"Naive realism is the starting point of all the sciences, especially the natural sciences" (Einstein).
"For consciousness, the existence of appearance is reality" (John Searle).
"All science is nothing more than the refinement of everyday thought" (Eistein).
The Naive Attitude
The naive attitude is an innocent, simple, direct attitude, without a priori conceptions, which seeks the essence of things, the most natural and intuitive explanation or foundation. This attitude leads to the truth, to the conscience and to the deep, where simplicity, power and wisdom reside.
Characteristics of the naive attitude:
It is founded on the conviction of the simplicity of all things. It considers that the simple is the profound. And that the complexity we see in the world is only apparent.
It is also based on the unity of all things. And that the internal and external worlds share the same essential principles or archetypes common to all things.
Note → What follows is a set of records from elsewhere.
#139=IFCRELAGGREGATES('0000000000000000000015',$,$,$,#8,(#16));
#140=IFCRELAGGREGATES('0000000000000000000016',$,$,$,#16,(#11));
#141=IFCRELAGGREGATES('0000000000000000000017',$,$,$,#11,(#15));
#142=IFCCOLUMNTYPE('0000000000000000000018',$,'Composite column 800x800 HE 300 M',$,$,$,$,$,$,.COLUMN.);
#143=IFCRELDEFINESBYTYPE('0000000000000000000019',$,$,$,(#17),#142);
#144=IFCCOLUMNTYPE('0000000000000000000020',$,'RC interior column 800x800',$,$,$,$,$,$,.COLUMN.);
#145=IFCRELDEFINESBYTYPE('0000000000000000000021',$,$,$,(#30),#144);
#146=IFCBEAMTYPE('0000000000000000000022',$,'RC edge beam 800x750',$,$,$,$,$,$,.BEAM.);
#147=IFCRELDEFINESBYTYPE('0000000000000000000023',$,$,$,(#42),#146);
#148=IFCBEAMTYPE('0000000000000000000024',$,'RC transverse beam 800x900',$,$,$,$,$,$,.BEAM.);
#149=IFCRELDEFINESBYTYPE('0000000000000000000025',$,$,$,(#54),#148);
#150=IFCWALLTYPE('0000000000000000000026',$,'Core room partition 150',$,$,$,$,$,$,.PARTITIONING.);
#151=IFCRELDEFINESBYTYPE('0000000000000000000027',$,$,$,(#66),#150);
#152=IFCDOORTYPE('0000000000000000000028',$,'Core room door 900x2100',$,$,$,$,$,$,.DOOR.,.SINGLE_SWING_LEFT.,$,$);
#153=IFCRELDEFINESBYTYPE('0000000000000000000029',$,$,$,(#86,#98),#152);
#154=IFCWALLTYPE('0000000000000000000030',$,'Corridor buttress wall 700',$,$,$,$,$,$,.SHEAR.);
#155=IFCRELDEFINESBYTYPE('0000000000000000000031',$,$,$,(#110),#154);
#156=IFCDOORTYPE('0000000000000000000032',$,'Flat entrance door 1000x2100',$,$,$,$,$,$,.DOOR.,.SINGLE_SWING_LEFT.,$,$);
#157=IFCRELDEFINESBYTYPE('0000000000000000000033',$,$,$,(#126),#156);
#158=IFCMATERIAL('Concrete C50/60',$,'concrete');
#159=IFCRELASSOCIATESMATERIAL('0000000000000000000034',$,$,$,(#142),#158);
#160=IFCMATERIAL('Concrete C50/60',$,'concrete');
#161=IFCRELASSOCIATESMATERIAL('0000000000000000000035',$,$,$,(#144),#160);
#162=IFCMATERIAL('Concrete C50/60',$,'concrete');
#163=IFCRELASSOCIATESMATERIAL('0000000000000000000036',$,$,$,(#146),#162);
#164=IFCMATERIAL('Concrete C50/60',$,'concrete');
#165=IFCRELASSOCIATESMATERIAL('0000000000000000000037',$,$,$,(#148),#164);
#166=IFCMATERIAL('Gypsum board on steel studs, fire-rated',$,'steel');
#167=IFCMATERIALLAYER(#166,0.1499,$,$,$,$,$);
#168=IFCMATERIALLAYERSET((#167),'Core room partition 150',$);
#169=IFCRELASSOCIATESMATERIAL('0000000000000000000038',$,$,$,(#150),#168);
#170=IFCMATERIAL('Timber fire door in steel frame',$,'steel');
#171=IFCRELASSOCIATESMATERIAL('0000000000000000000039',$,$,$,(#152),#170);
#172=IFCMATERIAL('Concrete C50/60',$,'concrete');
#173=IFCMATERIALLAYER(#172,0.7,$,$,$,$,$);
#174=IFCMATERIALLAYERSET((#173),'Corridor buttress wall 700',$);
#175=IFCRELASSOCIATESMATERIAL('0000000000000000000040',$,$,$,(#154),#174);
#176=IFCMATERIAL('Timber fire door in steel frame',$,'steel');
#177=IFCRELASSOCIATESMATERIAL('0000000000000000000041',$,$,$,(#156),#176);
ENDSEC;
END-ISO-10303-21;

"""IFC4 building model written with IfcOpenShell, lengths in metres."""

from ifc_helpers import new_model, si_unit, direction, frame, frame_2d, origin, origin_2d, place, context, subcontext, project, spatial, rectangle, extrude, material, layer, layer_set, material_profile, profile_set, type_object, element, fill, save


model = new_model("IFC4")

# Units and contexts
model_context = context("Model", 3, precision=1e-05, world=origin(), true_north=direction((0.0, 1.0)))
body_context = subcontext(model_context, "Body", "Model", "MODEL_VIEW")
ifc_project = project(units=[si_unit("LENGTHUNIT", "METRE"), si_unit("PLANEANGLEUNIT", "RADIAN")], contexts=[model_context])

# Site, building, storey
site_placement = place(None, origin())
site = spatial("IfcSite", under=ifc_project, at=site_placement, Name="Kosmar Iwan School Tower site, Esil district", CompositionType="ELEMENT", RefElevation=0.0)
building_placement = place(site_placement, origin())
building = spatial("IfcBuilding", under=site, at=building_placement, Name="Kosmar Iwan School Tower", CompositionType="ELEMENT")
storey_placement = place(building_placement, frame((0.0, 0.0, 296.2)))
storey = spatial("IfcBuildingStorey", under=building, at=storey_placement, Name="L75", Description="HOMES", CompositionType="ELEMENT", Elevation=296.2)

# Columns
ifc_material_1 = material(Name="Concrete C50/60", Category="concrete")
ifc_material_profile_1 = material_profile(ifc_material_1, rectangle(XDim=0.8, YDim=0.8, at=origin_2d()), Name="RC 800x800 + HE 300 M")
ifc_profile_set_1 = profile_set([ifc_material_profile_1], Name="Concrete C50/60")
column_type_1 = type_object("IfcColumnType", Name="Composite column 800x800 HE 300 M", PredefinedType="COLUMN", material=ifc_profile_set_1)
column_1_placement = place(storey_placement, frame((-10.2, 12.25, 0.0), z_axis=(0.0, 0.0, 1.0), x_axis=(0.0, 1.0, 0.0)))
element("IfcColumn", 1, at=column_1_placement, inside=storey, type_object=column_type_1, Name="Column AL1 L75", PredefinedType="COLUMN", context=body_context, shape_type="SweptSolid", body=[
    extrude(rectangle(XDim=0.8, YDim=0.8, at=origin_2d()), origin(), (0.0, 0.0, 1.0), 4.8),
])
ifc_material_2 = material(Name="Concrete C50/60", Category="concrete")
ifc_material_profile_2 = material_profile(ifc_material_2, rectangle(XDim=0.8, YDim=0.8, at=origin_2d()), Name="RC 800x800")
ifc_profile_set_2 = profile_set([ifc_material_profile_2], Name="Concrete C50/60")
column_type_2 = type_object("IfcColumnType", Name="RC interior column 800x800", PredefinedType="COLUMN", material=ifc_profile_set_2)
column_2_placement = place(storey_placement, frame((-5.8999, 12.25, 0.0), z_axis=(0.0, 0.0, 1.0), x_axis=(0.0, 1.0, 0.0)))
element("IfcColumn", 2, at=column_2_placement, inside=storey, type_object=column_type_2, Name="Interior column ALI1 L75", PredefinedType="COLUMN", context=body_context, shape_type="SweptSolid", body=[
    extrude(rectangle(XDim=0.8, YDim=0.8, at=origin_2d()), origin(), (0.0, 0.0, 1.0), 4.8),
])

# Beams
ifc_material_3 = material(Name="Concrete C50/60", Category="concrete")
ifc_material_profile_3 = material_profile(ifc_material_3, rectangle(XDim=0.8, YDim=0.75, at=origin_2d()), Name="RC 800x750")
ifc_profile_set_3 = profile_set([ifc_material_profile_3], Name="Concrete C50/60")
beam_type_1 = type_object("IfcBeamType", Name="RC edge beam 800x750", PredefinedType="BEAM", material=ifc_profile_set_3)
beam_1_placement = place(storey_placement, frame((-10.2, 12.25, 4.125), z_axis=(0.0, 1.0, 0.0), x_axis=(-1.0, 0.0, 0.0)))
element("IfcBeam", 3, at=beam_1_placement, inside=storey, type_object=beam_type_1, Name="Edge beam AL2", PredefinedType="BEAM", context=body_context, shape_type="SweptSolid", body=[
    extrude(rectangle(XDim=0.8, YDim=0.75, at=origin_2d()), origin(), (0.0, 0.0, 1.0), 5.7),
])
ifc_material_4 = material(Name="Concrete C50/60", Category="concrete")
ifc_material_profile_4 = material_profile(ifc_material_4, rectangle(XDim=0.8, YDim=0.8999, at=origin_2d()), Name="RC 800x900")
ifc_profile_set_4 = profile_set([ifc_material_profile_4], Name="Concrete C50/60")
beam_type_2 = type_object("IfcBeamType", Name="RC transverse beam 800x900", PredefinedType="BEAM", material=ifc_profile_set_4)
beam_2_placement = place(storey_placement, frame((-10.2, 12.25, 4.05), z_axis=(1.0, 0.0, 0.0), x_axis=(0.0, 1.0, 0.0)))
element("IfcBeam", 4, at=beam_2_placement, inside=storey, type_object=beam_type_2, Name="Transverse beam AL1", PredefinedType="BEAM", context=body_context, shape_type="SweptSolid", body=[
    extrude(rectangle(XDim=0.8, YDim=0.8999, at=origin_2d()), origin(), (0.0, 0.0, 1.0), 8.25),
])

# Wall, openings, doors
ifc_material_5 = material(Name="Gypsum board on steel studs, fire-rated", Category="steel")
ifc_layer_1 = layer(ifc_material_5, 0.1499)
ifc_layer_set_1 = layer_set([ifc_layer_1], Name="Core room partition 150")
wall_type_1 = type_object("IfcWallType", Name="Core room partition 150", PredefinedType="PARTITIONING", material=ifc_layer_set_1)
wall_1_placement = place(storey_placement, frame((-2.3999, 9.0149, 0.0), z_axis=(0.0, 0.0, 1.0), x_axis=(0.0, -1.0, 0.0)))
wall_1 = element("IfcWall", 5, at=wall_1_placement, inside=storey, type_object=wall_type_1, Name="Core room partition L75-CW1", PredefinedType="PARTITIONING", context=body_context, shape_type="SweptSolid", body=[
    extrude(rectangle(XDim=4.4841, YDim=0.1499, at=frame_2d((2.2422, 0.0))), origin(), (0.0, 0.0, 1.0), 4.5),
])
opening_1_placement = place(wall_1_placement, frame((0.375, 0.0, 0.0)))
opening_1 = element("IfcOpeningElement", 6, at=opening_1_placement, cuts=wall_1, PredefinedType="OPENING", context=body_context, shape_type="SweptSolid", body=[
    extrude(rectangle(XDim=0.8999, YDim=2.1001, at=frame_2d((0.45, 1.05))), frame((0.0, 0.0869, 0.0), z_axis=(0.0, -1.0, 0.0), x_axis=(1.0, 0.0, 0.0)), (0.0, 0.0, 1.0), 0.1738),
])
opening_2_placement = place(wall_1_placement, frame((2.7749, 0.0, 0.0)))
This is the one we should always adopt as a primary attitude, before considering more complex alternatives.
It is a consciousness of freedom, without restrictions of a rational mental type.
It leads to consider that the apparent is the true, that what we perceive is reality. Although there is always a natural mechanism of inductive type of generalization or abstraction. This mechanism allows us to pass directly from the particular to the general, from the concrete to the abstract. Naive inductivism is an intuitive mechanism by which we abstract or generalize a phenomenon.
It is a very powerful weapon for solving problems. By looking at problems in a straightforward, uncomplicated way, problems do not appear, they are clarified, dissolved or transcended.
It facilitates access to pure consciousness, the field of all possibilities, the source of all creation, where supreme creativity resides.
Unites science and humanism.
Considers that the most immediate concepts are the truest, those that have not passed through the filter of rational analysis.
Perceives reality from being. The mind can be an obstacle to seeing things clearly. Use the mind, but in its purest possible state.
The naive attitude is different from Occam's razor principle. The naive attitude is an a priori attitude, where one accepts the intuitive, the most direct thing that comes to mind, without analyzing it. It seeks synthesis, consciousness, the fundamental, the simple, not analysis. The simplest is the most fundamental. In contrast, the principle of Occam's razor requires examining and analyzing all possible alternatives, and then choosing the simplest, a posteriori.
Naive realism
Naive realism, also known as direct realism, is a philosophy of mind that asserts that things exist independently of consciousness and that they are exactly as we perceive them and as we conceive them. It does not even consider the possibility of an alternative or different reality. The subject is considered a faithful reflection of the external world and is merely passive. This realism is typical of the child, the primitive man and the common man who accept what they see, without discussion.
Things really exist, independently of consciousness and of the subject who knows them. Objects exist independently of being observed and retain their properties when they are not observed.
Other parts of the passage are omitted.